Thursday 30 April 2020

Are the old more dispensable than the young


Subject: Are the old more dispensable than the young.


The global pandemic has caused us to consider many ethical and moral questions, not least does the saving of an old persons life have more value than the saving of a younger person. Should a doctor ration the occupancy of ventilators for the young with the argument that the older persons life is nearly finished and the young can be more productively kept alive.
There has always been a point when the doctor makes a decision not to continue treatment of a patient to alleviate any further suffering if no cure is in sight but this is very different since being allowed to continue to live by being helped to breath through the ventilator does assume that there is light at the end of the tunnel.


Much of modern day medicine is focused on keeping people alive by artificial means whilst waiting for the body to find its own remedy to illness or for new treatments and drugs to come along and effect a cure. It's often questionable, the extent medical intervention seems to go beyond the call of duty and people are kept alive because they can rather than in the best interests of the patient. Is it never in the best interests of the patient to let them die and how often we are incredulous at the pontifications of government not to allow, under carefully controlled circumstances, people to choose for themselves to end their own life if their lives have become intolerable.
How much more problematic that one can oversee the rationing of ventilators and yet harass the loving relatives if some one seeks an end to their life at a clinic in Switzerland and they have been a party to the event.
Do years 'still to live' equate equally with those lived.
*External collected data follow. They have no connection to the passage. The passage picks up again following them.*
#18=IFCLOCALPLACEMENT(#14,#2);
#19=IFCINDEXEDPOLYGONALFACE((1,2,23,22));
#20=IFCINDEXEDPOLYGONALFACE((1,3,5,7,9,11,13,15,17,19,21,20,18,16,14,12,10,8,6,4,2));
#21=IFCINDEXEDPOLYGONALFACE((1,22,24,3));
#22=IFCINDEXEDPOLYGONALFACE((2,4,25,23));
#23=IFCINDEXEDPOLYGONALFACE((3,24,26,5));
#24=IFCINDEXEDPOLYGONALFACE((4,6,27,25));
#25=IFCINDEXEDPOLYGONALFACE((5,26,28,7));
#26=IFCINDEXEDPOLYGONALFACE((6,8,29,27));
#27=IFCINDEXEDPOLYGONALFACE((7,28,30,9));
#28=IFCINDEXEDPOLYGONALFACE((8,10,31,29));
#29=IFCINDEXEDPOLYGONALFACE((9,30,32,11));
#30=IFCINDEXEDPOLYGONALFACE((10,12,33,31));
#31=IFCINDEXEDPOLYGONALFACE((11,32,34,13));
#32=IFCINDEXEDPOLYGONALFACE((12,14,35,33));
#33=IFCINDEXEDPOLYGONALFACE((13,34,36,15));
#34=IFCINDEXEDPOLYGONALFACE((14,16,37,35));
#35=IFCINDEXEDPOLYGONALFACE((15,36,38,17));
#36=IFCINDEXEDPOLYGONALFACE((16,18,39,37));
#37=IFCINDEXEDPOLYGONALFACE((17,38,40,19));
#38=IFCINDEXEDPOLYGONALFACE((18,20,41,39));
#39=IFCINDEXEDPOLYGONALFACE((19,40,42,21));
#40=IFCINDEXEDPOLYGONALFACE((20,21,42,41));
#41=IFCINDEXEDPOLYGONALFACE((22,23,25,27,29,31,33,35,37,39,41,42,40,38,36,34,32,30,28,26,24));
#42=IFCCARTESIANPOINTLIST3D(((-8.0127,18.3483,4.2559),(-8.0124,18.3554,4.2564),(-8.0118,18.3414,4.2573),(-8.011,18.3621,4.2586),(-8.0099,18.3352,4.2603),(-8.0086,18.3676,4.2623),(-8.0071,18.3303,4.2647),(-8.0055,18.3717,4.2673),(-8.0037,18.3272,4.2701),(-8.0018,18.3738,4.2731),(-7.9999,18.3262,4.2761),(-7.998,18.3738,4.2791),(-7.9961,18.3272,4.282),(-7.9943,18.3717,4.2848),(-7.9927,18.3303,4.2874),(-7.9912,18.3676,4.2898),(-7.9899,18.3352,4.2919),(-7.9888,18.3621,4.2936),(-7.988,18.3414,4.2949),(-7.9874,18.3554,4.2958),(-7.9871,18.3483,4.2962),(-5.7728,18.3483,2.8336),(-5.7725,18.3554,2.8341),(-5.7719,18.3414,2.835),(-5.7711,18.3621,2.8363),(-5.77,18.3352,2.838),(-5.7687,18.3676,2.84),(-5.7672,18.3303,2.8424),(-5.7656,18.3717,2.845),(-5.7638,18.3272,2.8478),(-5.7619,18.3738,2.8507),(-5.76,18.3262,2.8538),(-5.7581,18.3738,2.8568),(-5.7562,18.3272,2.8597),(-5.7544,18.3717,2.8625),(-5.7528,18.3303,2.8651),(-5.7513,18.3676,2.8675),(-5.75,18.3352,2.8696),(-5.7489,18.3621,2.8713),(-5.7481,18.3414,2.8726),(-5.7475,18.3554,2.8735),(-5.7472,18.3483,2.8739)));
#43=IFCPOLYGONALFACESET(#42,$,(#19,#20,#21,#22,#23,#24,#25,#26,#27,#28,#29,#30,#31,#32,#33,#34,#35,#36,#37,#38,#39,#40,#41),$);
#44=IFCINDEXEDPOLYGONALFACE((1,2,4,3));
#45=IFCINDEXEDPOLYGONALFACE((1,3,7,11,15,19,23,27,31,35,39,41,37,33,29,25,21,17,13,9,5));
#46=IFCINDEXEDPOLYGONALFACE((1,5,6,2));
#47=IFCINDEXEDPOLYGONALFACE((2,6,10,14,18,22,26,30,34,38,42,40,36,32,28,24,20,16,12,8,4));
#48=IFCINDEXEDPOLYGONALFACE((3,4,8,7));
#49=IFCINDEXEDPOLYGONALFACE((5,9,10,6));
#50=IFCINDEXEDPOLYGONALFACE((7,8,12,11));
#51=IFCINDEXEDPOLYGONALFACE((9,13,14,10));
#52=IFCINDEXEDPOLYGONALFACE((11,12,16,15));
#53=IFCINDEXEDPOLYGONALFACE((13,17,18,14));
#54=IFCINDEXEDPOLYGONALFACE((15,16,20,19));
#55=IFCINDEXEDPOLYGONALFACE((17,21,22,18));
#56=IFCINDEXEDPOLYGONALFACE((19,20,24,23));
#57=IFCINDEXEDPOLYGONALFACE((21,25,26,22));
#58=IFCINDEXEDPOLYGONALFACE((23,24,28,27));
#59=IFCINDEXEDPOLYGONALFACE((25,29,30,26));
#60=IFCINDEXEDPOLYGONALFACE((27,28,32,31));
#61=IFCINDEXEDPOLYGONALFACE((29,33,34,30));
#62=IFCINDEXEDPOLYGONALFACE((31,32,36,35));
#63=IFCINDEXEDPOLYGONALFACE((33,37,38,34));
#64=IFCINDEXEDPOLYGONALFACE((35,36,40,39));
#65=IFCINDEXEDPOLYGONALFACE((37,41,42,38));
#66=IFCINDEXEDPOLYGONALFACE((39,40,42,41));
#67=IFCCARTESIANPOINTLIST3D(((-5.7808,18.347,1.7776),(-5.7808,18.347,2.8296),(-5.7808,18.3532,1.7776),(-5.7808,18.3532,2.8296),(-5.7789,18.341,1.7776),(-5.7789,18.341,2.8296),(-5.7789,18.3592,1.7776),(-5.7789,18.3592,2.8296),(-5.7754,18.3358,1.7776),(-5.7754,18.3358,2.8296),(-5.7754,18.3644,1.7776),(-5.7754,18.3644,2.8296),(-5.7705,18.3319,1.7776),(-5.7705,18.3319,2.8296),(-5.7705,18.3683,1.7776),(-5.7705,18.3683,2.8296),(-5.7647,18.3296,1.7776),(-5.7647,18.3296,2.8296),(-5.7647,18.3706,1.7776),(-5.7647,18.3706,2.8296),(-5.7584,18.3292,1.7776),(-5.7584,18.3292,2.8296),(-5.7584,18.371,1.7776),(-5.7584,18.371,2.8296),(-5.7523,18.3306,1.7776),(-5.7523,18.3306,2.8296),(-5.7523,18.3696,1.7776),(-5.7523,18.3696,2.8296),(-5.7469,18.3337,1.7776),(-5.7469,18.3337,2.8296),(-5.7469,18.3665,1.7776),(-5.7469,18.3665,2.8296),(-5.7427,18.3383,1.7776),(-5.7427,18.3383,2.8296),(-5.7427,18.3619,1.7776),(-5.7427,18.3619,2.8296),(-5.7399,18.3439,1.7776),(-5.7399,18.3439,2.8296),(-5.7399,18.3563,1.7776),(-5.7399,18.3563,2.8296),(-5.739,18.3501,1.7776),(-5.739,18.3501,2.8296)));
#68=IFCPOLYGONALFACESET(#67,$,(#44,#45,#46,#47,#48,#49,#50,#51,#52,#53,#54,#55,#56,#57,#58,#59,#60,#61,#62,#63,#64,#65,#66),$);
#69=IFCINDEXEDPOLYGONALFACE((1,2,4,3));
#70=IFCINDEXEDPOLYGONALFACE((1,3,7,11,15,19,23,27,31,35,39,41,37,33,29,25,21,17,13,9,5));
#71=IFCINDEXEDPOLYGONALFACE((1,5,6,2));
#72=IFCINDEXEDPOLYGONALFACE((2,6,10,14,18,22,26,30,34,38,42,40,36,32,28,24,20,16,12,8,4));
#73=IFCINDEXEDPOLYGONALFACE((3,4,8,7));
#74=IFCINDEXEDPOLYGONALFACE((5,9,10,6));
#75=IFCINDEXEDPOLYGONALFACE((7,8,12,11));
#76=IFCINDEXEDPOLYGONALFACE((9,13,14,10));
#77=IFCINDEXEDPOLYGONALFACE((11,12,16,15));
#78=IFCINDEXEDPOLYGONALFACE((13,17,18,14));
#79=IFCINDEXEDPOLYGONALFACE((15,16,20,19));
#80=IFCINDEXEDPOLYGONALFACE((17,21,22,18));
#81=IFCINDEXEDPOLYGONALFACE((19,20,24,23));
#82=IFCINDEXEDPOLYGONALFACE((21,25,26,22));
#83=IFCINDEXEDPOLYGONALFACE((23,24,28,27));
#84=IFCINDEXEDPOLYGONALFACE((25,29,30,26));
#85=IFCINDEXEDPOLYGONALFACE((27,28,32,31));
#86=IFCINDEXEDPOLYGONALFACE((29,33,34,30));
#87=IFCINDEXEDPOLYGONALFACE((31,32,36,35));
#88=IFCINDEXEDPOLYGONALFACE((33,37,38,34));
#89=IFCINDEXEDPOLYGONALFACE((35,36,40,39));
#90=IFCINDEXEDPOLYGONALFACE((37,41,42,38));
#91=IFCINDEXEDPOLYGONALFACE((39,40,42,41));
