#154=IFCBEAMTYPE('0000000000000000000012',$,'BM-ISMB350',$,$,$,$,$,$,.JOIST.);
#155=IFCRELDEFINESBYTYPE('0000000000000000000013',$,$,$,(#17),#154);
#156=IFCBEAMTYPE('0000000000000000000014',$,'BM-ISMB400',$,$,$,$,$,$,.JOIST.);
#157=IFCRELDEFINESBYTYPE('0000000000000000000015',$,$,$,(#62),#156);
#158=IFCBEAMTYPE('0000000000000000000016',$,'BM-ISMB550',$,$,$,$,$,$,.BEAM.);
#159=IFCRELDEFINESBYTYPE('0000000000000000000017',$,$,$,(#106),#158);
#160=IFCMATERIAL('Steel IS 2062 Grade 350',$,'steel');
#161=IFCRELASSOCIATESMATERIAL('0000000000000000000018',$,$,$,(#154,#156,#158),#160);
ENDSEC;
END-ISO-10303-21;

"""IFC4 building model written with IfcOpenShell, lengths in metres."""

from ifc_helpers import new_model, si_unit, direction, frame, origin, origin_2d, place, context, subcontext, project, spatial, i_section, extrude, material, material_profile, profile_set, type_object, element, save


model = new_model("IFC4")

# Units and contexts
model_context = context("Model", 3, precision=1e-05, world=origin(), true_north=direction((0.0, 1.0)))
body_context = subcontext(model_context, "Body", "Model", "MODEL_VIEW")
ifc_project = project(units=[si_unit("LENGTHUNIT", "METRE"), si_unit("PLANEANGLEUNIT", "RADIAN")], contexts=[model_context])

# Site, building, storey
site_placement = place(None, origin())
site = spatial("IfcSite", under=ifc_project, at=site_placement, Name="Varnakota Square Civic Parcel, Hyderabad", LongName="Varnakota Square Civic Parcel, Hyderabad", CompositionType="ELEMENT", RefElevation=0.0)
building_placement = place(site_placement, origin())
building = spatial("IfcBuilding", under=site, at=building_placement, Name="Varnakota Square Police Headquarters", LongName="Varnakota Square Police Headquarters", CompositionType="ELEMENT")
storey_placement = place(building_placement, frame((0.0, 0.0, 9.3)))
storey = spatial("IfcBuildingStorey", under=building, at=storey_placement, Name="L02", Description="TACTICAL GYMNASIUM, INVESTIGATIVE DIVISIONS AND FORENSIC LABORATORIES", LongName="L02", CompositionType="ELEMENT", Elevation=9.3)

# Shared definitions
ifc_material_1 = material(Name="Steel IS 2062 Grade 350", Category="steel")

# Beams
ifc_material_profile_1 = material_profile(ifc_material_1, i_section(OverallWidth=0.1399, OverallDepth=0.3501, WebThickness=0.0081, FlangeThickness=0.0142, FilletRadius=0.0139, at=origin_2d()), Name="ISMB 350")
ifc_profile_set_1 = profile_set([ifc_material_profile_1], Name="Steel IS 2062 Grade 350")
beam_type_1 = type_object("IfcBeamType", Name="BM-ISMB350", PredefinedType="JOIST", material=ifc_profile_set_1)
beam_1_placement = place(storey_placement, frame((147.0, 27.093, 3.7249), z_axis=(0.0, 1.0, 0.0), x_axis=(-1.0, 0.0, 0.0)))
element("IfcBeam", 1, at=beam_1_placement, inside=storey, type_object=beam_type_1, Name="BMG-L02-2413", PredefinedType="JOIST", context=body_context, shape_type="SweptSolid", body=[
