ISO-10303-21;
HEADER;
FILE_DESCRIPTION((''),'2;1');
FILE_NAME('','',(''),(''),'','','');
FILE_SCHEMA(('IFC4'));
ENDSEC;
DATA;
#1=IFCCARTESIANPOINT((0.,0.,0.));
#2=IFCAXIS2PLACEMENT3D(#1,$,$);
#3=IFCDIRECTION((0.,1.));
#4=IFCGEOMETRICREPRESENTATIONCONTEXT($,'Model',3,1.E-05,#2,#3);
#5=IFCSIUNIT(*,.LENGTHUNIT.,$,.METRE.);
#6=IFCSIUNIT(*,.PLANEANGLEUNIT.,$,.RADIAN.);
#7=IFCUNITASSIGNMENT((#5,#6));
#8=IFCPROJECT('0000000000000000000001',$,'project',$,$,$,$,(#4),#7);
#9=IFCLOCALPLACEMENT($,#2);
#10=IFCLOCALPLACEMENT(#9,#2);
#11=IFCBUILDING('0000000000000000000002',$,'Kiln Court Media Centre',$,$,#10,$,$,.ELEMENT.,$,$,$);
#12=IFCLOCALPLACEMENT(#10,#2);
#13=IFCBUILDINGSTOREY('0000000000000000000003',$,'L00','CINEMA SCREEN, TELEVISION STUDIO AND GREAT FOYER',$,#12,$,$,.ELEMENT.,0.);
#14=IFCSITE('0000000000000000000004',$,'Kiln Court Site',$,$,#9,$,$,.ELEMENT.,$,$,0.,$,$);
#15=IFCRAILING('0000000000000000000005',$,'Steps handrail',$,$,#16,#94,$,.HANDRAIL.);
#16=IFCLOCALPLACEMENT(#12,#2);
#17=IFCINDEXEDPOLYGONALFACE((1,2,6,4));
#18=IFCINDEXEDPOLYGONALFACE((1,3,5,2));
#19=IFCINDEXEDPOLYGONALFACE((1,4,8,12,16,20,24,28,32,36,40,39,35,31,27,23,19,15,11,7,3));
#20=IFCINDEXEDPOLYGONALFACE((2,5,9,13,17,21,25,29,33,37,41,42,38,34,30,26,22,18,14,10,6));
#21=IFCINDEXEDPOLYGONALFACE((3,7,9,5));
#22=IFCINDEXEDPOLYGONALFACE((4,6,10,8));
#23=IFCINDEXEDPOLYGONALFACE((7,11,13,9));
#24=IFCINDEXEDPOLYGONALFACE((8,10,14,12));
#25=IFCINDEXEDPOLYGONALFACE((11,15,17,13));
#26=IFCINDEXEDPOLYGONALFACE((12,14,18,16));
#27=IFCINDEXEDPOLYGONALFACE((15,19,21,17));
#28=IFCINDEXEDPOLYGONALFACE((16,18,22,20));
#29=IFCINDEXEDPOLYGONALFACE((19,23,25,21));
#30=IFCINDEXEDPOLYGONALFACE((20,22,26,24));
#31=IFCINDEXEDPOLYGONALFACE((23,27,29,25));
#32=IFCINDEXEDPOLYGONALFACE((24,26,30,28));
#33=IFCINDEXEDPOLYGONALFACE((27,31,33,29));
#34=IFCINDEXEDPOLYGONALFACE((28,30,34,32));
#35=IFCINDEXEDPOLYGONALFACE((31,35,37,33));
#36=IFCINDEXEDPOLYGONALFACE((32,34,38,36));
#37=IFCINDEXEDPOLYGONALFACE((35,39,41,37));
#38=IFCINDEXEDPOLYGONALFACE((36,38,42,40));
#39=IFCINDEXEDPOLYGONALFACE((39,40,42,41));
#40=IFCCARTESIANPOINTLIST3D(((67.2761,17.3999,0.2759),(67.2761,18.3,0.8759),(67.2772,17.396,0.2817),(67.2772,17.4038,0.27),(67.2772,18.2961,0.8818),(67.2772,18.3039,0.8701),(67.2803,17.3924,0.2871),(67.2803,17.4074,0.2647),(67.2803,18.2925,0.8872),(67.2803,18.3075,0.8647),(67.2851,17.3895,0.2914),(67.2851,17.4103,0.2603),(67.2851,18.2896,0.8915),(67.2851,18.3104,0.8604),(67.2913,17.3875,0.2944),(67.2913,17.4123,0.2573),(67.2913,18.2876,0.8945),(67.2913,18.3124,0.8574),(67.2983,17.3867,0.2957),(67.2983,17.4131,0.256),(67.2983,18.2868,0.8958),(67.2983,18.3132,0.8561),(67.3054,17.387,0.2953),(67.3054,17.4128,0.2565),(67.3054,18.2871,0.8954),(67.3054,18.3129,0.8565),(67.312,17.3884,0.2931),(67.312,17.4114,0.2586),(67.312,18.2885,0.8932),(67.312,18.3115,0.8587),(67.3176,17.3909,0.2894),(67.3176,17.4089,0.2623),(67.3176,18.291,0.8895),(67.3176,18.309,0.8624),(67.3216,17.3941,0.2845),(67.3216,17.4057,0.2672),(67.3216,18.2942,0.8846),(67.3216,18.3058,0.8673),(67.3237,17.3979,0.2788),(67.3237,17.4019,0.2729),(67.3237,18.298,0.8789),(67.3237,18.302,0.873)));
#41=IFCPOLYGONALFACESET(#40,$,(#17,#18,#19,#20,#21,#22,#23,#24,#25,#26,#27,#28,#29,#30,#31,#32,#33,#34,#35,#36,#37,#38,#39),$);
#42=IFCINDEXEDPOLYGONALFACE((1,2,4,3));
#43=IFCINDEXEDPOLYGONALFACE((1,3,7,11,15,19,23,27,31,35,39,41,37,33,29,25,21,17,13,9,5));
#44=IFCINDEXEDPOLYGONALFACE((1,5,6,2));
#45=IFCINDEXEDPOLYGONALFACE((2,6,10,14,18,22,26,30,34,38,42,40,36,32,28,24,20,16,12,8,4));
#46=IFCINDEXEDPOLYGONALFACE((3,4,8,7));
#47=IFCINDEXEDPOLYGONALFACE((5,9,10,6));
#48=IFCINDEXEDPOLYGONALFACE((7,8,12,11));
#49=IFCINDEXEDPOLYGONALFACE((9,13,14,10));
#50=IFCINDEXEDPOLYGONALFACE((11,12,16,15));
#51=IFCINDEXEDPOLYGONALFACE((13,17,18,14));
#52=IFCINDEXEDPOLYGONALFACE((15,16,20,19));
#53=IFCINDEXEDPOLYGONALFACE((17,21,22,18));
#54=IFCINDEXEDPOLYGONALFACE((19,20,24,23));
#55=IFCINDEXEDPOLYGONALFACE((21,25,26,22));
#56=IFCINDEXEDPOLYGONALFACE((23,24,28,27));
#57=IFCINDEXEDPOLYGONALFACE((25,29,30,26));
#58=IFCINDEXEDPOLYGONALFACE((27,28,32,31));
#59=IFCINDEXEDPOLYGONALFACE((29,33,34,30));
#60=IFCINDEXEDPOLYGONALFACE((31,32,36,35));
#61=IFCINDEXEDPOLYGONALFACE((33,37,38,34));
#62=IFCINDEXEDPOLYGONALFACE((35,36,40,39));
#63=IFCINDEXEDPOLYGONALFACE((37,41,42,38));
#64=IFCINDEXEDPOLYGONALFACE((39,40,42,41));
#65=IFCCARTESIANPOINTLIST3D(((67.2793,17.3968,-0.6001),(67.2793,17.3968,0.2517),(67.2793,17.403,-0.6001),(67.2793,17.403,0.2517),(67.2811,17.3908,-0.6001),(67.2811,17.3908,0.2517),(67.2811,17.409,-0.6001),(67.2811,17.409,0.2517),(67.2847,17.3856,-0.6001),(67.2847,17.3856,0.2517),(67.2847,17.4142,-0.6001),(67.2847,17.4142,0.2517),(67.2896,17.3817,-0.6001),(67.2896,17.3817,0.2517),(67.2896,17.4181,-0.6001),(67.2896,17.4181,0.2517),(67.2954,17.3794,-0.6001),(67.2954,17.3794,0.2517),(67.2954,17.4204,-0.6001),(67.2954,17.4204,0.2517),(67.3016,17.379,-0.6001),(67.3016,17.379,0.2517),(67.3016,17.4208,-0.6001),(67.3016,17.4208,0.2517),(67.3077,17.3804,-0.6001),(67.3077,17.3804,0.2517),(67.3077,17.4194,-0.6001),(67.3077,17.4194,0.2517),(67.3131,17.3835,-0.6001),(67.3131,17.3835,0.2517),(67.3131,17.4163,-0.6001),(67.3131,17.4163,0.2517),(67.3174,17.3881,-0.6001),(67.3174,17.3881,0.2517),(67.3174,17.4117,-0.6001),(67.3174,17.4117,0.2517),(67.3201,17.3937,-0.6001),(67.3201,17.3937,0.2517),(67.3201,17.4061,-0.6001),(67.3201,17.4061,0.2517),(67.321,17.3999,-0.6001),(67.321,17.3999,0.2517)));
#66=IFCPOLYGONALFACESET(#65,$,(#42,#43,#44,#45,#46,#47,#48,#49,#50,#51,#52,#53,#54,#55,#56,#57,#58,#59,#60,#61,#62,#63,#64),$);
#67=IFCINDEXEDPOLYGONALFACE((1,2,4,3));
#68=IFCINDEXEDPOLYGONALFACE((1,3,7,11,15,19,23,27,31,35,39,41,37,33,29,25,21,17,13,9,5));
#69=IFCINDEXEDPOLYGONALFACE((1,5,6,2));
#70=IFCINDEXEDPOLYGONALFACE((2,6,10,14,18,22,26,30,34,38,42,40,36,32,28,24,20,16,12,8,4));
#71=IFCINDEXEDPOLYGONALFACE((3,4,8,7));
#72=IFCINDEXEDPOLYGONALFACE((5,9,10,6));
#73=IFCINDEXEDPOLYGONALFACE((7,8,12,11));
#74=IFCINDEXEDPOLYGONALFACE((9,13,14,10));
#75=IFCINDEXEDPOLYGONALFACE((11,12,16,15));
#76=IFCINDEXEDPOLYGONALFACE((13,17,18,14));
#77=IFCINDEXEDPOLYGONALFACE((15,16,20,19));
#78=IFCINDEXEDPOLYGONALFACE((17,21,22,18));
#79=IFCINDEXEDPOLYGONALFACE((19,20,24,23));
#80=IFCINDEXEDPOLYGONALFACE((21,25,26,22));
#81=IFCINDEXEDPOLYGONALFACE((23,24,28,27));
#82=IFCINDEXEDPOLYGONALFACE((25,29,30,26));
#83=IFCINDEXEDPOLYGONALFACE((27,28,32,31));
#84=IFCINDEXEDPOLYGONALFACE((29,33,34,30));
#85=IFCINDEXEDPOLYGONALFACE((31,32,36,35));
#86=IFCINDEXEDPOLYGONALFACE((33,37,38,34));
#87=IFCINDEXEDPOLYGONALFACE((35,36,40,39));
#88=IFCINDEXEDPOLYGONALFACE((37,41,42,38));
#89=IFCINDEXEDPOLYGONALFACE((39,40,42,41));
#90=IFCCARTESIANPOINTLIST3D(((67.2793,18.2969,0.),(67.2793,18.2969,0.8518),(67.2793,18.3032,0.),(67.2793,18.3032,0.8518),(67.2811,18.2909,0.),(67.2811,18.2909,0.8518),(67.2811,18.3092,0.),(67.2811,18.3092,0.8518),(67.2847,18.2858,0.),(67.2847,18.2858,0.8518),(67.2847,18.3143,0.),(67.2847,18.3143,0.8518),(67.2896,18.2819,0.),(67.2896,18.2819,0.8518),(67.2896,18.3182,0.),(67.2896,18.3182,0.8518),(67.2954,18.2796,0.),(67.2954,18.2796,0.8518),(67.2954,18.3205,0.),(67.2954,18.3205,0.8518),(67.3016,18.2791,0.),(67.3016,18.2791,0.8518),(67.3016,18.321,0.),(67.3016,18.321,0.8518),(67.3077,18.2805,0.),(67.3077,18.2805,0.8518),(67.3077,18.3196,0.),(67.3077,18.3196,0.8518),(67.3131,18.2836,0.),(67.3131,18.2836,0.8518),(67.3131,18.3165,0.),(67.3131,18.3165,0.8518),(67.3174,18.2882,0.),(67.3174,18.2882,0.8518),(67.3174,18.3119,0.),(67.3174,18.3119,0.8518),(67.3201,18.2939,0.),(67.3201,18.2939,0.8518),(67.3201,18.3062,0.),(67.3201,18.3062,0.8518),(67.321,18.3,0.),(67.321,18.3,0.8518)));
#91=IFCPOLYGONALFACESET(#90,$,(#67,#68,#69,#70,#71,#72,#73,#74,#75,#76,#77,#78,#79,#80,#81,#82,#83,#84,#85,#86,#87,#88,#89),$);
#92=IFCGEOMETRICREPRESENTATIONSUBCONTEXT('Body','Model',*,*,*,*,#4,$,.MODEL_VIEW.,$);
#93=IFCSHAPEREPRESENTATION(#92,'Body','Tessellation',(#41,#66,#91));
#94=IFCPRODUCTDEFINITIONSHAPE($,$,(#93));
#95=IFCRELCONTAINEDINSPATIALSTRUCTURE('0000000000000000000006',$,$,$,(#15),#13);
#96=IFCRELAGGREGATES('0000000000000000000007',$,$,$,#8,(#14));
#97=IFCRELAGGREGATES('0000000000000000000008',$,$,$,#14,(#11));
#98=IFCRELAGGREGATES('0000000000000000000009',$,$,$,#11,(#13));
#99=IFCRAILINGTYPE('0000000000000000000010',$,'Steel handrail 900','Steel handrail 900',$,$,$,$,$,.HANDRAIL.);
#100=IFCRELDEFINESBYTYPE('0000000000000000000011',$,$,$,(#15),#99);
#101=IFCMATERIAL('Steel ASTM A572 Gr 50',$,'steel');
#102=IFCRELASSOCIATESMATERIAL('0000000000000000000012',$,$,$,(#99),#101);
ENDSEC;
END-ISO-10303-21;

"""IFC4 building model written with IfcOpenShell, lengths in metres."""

from ifc_helpers import new_model, si_unit, direction, frame, origin, origin_2d, place, context, subcontext, project, spatial, circle, extrude, material, type_object, element, save


model = new_model("IFC4")

# Units and contexts
model_context = context("Model", 3, precision=1e-05, world=origin(), true_north=direction((0.0, 1.0)))
body_context = subcontext(model_context, "Body", "Model", "MODEL_VIEW")
ifc_project = project(units=[si_unit("LENGTHUNIT", "METRE"), si_unit("PLANEANGLEUNIT", "RADIAN")], contexts=[model_context])

# Site, building, storey
site_placement = place(None, origin())
site = spatial("IfcSite", under=ifc_project, at=site_placement, Name="Kiln Court Site", CompositionType="ELEMENT", RefElevation=0.0)
building_placement = place(site_placement, origin())
building = spatial("IfcBuilding", under=site, at=building_placement, Name="Kiln Court Media Centre", CompositionType="ELEMENT")
storey_placement = place(building_placement, origin())
storey = spatial("IfcBuildingStorey", under=building, at=storey_placement, Name="L00", Description="CINEMA SCREEN, TELEVISION STUDIO AND GREAT FOYER", CompositionType="ELEMENT", Elevation=0.0)

# Railing
ifc_material_1 = material(Name="Steel ASTM A572 Gr 50", Category="steel")
railing_type_1 = type_object("IfcRailingType", Name="Steel handrail 900", Description="Steel handrail 900", PredefinedType="HANDRAIL", material=ifc_material_1)
railing_1_placement = place(storey_placement, frame((67.3, 17.3999, -0.6001)))
element("IfcRailing", 1, at=railing_1_placement, inside=storey, type_object=railing_type_1, Name="Steps handrail", PredefinedType="HANDRAIL", context=body_context, shape_type="SweptSolid", body=[
    extrude(circle(Radius=0.0239, at=origin_2d()), frame((0.0, 0.0, 0.876), z_axis=(0.0, 0.83205, 0.5547), x_axis=(-1.0, 0.0, 0.0)), (0.0, 0.0, 1.0), 1.0818),
    extrude(circle(Radius=0.021, at=origin_2d()), origin(), (0.0, 0.0, 1.0), 0.8518),
    extrude(circle(Radius=0.021, at=origin_2d()), frame((0.0, 0.9001, 0.6001)), (0.0, 0.0, 1.0), 0.8518),
])

save(model, "model.ifc")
Is there an equation between the value of a citizen who has lived a blameless life and is old and a younger person who may have and may still commit all kinds of crime and be an ongoing problem to the society which saved him in preference to the pensioner.
'First come first served' against a valuatory  accountancy which perhaps takes all kinds of estimates into the mix. Not only age but their social history including time spent in jail, perhaps the school they attended, any disabilities they might have, any religious affiliation  even their gender might effect their score.
It's an Orwellian world where the Hippocratic Oath is turned on its head and lives, when at their most vulnerable are in the hands of the expert who owes his living to a committee who's ultimate duty is towards the shareholder.